Hard Science: Stories about journeys into physics
The Story Collider
Story Collider, Inc.
4.4 • 824 Ratings
🗓️ 5 May 2017
⏱️ 22 minutes
🧾️ Download transcript
Summary
Part 1: When Sarah Demers gets a work-study job working on a particle detector, she has no idea what she's in for. Part 2: After being discouraged from pursuing science, Katy Rodriguez Wimberly searches for her place in the military and as an actor. Sarah Demers is the Horace D. Taft Associate Professor of Physics at Yale University. She is a particle physicist and a member of the ATLAS and Mu2e Collaborations, studying fundamental particles and the forces with which they interact.

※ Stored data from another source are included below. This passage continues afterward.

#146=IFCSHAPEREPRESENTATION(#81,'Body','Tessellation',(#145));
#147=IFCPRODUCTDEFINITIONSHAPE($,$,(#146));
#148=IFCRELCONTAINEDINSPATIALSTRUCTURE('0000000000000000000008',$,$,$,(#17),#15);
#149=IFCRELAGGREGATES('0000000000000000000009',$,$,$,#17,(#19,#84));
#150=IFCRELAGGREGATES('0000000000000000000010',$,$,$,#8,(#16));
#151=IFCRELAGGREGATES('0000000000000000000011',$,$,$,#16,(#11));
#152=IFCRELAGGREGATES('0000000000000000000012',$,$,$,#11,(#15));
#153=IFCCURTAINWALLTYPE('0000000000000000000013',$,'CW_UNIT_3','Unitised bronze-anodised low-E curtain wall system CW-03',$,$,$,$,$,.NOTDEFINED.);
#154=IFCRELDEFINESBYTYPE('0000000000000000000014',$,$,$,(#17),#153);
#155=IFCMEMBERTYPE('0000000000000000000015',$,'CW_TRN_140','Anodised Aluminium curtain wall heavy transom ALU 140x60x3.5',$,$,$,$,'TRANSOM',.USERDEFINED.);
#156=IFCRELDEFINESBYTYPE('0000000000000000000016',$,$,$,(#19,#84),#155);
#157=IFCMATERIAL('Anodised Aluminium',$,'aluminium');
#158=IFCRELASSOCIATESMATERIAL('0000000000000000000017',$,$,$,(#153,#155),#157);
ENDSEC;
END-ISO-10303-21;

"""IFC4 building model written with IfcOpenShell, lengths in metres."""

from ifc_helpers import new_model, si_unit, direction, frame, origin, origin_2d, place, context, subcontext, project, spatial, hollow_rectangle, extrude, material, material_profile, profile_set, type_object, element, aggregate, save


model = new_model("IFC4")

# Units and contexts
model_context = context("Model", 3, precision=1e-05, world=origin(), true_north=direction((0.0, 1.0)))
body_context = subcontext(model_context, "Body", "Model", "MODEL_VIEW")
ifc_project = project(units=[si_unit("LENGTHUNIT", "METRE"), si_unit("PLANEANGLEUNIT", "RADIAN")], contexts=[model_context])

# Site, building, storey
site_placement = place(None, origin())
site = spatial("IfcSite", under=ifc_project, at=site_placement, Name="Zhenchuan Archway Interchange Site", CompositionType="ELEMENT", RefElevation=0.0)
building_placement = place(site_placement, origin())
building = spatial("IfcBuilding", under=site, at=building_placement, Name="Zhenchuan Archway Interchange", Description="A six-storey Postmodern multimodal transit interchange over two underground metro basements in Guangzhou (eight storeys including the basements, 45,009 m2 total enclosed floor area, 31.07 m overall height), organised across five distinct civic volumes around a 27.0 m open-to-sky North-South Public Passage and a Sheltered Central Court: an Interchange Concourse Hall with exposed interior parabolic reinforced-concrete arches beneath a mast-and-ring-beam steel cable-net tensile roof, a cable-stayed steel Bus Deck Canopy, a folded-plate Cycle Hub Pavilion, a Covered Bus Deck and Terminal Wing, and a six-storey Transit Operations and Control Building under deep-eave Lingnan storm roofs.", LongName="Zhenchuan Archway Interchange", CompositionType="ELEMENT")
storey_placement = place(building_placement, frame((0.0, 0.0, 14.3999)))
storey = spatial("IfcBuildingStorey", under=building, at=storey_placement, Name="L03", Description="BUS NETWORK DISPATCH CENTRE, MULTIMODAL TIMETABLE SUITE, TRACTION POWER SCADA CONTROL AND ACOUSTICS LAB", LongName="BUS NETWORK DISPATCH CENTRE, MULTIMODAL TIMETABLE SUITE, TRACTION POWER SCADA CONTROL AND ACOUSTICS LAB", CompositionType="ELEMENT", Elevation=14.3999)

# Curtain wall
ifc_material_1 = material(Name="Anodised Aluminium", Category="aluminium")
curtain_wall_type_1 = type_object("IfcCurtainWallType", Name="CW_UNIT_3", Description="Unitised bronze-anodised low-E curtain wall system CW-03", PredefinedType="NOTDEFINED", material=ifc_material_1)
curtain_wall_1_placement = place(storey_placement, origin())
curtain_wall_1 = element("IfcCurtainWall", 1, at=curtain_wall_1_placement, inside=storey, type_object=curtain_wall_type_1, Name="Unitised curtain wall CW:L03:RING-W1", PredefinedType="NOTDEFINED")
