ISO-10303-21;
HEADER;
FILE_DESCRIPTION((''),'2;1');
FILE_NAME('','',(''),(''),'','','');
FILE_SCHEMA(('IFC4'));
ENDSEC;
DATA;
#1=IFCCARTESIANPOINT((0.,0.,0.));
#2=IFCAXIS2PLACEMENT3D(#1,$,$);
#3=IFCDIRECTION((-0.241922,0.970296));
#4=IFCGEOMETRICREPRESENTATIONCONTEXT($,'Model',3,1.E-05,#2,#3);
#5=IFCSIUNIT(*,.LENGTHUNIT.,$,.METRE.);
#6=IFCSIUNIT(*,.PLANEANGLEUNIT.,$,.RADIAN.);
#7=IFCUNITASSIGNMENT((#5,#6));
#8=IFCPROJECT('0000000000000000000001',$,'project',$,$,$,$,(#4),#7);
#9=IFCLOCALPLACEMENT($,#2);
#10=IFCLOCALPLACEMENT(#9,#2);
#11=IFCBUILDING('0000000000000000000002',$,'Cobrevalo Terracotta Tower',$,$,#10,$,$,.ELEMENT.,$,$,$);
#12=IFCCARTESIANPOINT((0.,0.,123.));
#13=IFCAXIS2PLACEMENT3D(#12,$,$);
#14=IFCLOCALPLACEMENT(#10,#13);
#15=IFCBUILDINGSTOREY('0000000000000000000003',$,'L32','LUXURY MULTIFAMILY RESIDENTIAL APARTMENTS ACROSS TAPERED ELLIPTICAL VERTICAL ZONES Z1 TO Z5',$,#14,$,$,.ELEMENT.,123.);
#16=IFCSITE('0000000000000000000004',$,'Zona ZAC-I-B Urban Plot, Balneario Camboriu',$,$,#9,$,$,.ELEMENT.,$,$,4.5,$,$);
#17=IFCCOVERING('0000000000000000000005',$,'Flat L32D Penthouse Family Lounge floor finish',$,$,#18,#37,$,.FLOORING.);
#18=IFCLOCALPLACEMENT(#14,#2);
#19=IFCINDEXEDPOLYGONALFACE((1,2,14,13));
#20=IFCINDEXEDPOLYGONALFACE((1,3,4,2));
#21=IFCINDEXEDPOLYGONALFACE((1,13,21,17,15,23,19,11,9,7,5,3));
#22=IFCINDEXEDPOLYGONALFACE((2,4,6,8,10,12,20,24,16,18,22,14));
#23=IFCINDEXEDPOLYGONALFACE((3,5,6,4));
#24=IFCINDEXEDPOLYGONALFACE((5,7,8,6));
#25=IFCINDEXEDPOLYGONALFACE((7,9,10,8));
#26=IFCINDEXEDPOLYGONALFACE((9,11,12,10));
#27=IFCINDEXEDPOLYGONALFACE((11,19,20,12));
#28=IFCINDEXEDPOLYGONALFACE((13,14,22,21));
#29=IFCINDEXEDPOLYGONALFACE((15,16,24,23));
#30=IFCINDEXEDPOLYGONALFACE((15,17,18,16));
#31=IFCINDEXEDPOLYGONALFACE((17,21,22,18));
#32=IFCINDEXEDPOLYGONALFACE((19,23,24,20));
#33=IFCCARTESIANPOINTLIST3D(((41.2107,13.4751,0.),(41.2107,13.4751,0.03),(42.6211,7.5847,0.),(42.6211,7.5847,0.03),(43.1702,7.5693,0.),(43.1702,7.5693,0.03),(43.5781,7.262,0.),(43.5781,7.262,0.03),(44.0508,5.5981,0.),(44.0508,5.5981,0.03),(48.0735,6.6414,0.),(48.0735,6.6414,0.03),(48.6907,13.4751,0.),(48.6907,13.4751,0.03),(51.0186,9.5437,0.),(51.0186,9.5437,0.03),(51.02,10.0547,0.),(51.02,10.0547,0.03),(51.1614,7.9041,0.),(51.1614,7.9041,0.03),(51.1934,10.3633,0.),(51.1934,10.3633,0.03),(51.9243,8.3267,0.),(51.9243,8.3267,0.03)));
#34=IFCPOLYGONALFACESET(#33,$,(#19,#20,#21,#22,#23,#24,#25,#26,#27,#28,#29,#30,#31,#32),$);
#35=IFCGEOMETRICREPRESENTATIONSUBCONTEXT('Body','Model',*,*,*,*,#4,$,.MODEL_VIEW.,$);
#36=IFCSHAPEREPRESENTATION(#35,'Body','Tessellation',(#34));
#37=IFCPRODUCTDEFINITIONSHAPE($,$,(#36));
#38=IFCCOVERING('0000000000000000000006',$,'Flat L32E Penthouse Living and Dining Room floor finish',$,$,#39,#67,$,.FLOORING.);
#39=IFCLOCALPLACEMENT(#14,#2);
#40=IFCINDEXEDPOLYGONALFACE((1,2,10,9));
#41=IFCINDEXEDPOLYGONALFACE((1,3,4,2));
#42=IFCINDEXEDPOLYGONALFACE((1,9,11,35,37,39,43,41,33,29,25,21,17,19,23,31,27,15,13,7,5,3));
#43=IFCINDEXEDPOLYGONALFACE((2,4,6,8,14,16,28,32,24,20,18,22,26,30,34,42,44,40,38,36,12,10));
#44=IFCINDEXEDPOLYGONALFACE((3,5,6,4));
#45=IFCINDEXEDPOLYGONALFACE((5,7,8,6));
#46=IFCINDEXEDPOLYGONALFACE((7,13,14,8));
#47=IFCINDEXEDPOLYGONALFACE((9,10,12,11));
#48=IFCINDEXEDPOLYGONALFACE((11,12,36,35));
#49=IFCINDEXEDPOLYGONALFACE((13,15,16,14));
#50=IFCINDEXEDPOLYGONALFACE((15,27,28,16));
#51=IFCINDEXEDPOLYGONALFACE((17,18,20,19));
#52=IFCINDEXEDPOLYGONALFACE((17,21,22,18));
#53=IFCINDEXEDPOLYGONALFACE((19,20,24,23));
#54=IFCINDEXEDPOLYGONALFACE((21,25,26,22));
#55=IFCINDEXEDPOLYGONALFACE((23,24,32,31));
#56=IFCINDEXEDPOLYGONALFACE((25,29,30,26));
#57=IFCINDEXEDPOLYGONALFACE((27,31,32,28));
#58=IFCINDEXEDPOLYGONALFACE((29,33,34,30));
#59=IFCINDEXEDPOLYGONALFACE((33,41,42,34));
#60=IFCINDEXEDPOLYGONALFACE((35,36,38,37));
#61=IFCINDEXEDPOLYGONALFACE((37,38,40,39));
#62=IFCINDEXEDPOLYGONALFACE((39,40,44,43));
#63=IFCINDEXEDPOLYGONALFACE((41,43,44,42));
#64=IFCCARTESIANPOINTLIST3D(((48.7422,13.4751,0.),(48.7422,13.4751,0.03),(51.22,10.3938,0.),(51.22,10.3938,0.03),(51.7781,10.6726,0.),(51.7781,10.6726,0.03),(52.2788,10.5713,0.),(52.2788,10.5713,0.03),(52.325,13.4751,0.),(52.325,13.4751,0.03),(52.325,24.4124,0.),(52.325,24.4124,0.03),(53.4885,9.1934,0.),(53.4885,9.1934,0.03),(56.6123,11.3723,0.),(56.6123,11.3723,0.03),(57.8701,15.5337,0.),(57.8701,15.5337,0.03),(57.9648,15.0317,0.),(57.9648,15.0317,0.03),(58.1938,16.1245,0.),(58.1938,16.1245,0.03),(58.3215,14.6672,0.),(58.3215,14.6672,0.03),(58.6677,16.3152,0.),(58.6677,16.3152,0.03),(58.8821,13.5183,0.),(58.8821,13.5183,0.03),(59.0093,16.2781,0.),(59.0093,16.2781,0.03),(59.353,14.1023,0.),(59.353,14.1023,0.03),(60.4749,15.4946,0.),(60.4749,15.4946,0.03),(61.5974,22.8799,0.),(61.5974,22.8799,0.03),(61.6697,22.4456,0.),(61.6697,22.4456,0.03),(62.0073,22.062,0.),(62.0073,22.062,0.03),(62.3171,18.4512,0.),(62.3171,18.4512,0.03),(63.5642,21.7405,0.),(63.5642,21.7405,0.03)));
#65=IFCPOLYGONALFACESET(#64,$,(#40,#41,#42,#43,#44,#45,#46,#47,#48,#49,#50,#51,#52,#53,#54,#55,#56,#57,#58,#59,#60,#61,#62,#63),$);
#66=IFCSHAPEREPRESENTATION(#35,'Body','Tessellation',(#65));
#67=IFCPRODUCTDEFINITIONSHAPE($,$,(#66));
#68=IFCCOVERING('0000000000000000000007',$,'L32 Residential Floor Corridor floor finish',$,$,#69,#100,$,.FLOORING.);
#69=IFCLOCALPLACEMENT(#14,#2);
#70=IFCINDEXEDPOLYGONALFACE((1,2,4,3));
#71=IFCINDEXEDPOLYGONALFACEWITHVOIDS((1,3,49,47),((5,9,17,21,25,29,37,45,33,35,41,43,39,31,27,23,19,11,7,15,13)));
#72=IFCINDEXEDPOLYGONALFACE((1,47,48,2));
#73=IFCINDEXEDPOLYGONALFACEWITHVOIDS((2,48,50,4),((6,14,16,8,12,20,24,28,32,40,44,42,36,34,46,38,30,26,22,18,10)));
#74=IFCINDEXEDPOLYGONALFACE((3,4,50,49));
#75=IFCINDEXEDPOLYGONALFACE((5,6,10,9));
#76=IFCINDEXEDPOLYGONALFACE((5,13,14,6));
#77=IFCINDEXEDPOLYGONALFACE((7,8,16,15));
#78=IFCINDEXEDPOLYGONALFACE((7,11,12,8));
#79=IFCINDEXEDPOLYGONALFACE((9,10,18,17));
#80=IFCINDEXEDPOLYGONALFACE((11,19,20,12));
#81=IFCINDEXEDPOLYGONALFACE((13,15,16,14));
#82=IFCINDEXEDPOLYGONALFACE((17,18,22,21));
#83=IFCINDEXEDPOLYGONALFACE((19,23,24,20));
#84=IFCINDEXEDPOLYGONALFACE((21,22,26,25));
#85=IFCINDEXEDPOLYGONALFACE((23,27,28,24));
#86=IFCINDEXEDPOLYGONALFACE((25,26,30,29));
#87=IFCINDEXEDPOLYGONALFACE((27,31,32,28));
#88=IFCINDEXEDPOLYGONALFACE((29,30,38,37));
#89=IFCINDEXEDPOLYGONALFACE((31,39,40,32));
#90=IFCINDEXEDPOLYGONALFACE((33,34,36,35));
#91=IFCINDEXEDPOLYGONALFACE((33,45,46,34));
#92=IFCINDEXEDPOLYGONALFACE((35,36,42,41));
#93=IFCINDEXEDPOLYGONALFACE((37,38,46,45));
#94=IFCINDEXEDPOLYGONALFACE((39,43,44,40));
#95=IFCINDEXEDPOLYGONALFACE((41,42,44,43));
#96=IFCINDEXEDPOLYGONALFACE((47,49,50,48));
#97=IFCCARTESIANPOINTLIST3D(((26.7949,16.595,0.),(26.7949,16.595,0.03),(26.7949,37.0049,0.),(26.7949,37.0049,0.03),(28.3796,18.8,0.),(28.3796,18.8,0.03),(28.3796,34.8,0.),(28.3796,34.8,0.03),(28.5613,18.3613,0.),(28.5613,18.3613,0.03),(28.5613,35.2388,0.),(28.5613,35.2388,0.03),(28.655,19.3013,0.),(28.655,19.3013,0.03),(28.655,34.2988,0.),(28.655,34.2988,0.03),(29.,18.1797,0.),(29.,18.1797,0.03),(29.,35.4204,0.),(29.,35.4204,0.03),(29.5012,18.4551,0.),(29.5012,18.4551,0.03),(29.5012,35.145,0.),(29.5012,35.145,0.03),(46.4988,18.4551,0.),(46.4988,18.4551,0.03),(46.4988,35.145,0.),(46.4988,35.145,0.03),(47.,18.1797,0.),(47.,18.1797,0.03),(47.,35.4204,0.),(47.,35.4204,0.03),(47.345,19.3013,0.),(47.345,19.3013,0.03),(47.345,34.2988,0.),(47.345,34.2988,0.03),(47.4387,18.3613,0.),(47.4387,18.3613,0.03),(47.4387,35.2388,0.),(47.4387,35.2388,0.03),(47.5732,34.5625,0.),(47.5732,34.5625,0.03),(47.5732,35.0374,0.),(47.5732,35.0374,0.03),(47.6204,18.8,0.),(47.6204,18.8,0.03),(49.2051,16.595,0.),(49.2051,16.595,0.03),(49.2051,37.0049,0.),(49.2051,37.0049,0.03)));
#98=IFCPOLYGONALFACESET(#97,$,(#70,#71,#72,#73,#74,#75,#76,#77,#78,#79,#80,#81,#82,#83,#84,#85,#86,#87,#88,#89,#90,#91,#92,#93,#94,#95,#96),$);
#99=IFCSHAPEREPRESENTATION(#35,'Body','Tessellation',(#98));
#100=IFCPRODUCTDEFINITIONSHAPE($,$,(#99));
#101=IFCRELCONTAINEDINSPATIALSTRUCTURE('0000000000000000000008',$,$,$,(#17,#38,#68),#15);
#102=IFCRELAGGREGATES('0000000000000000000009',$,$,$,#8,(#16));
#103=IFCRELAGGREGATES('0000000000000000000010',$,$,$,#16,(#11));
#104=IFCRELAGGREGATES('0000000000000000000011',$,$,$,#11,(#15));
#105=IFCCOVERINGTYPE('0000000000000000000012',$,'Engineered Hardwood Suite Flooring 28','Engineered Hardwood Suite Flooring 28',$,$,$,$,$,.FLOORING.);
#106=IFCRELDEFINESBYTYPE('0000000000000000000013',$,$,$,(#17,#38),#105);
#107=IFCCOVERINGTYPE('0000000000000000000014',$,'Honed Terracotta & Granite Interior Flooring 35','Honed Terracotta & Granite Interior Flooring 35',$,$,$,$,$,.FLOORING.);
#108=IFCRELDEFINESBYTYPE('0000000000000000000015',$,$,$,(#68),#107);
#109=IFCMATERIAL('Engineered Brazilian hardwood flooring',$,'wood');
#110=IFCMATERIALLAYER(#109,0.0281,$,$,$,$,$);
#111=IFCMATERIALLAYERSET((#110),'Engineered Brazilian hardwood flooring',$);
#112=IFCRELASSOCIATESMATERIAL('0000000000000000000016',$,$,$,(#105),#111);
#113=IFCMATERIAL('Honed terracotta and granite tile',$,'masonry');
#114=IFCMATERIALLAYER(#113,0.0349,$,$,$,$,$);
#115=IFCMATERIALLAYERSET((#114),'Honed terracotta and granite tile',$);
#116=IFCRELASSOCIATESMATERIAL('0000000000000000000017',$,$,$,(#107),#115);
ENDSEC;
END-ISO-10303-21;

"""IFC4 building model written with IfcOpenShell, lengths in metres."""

from ifc_helpers import new_model, si_unit, direction, frame, origin, place, context, subcontext, project, spatial, polyline, outline, extrude, material, layer, layer_set, type_object, element, save


model = new_model("IFC4")

# Units and contexts
model_context = context("Model", 3, precision=1e-05, world=origin(), true_north=direction((-0.241922, 0.970296)))
body_context = subcontext(model_context, "Body", "Model", "MODEL_VIEW")
ifc_project = project(units=[si_unit("LENGTHUNIT", "METRE"), si_unit("PLANEANGLEUNIT", "RADIAN")], contexts=[model_context])

# Site, building, storey
site_placement = place(None, origin())
site = spatial("IfcSite", under=ifc_project, at=site_placement, Name="Zona ZAC-I-B Urban Plot, Balneario Camboriu", CompositionType="ELEMENT", RefElevation=4.5)
building_placement = place(site_placement, origin())
building = spatial("IfcBuilding", under=site, at=building_placement, Name="Cobrevalo Terracotta Tower", CompositionType="ELEMENT")
storey_placement = place(building_placement, frame((0.0, 0.0, 123.0)))
storey = spatial("IfcBuildingStorey", under=building, at=storey_placement, Name="L32", Description="LUXURY MULTIFAMILY RESIDENTIAL APARTMENTS ACROSS TAPERED ELLIPTICAL VERTICAL ZONES Z1 TO Z5", CompositionType="ELEMENT", Elevation=123.0)

# Coverings
ifc_material_1 = material(Name="Engineered Brazilian hardwood flooring", Category="wood")
ifc_layer_1 = layer(ifc_material_1, 0.0281)
ifc_layer_set_1 = layer_set([ifc_layer_1], Name="Engineered Brazilian hardwood flooring")
covering_type_1 = type_object("IfcCoveringType", Name="Engineered Hardwood Suite Flooring 28", Description="Engineered Hardwood Suite Flooring 28", PredefinedType="FLOORING", material=ifc_layer_set_1)
covering_1_placement = place(storey_placement, origin())
element("IfcCovering", 1, at=covering_1_placement, inside=storey, type_object=covering_type_1, Name="Flat L32D Penthouse Family Lounge floor finish", PredefinedType="FLOORING", context=body_context, shape_type="SweptSolid", body=[
    extrude(outline(polyline([(44.0508, 5.5981), (43.5781, 7.262), (43.1702, 7.5693), (42.6211, 7.5847), (41.2107, 13.4751), (48.6907, 13.4751), (51.1934, 10.3633), (51.02, 10.0547), (51.0186, 9.5437), (51.9243, 8.3267), (51.1614, 7.9041), (48.0735, 6.6414), (44.0508, 5.5981)])), origin(), (0.0, 0.0, 1.0), 0.03),
])
covering_2_placement = place(storey_placement, origin())
element("IfcCovering", 2, at=covering_2_placement, inside=storey, type_object=covering_type_1, Name="Flat L32E Penthouse Living and Dining Room floor finish", PredefinedType="FLOORING", context=body_context, shape_type="SweptSolid", body=[
    extrude(outline(polyline([(60.4749, 15.4946), (59.0093, 16.2781), (58.6677, 16.3152), (58.1938, 16.1245), (57.8701, 15.5337), (57.9648, 15.0317), (58.3215, 14.6672), (59.353, 14.1023), (58.8821, 13.5183), (56.6123, 11.3723), (53.4885, 9.1934), (52.2788, 10.5713), (51.7781, 10.6726), (51.22, 10.3938), (48.7422, 13.4751), (52.325, 13.4751), (52.325, 24.4124), (61.5974, 22.8799), (61.6697, 22.4456), (62.0073, 22.062), (63.5642, 21.7405), (62.3171, 18.4512), (60.4749, 15.4946)])), origin(), (0.0, 0.0, 1.0), 0.03),
])
ifc_material_2 = material(Name="Honed terracotta and granite tile", Category="masonry")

Sarah graduated from Harvard University with an A.B. in physics in 1999. She received her Ph.D. from the University of Rochester as a member of the CDF Collaboration in 2005. She was a postdoc with Stanford's Linear Accelerator Center, based at CERN as a member of the ATLAS experiment before beginning her faculty position at Yale in 2009. She has been recognized for her research with an Early Career Award from the Department of Energy and has won awards for teaching and service at Yale. When she isn't doing physics she can be found spending time with her husband and two kids exploring in the woods behind their house, baking, reading and, recently, shoveling snow. M. Katy Rodriguez Wimberly is a first year graduate student at University of California, Irvine (UCI) in their Physics Department. She is a National Science Foundation Graduate Research Fellow and the first Junior Board Fellow of the Astronomical Society of the Pacific. She earned her Bachelor’s of Science degree, with a math minor, from California State University, Long Beach in May 2015. At UCI she is working with Dr. Michael Cooper on galaxy evolution research, which studies the coming together of satellite galaxies onto massive clusters of galaxies by comparing large cosmological simulations to observational data. Katy’s research interests lie in galaxy evolution and observational cosmology. Additionally, she loves and conducts astronomy outreach with underrepresented minorities, focusing primarily on K-12 Special Needs students (including children on the Autism Spectrum and those with Down’s Syndrome).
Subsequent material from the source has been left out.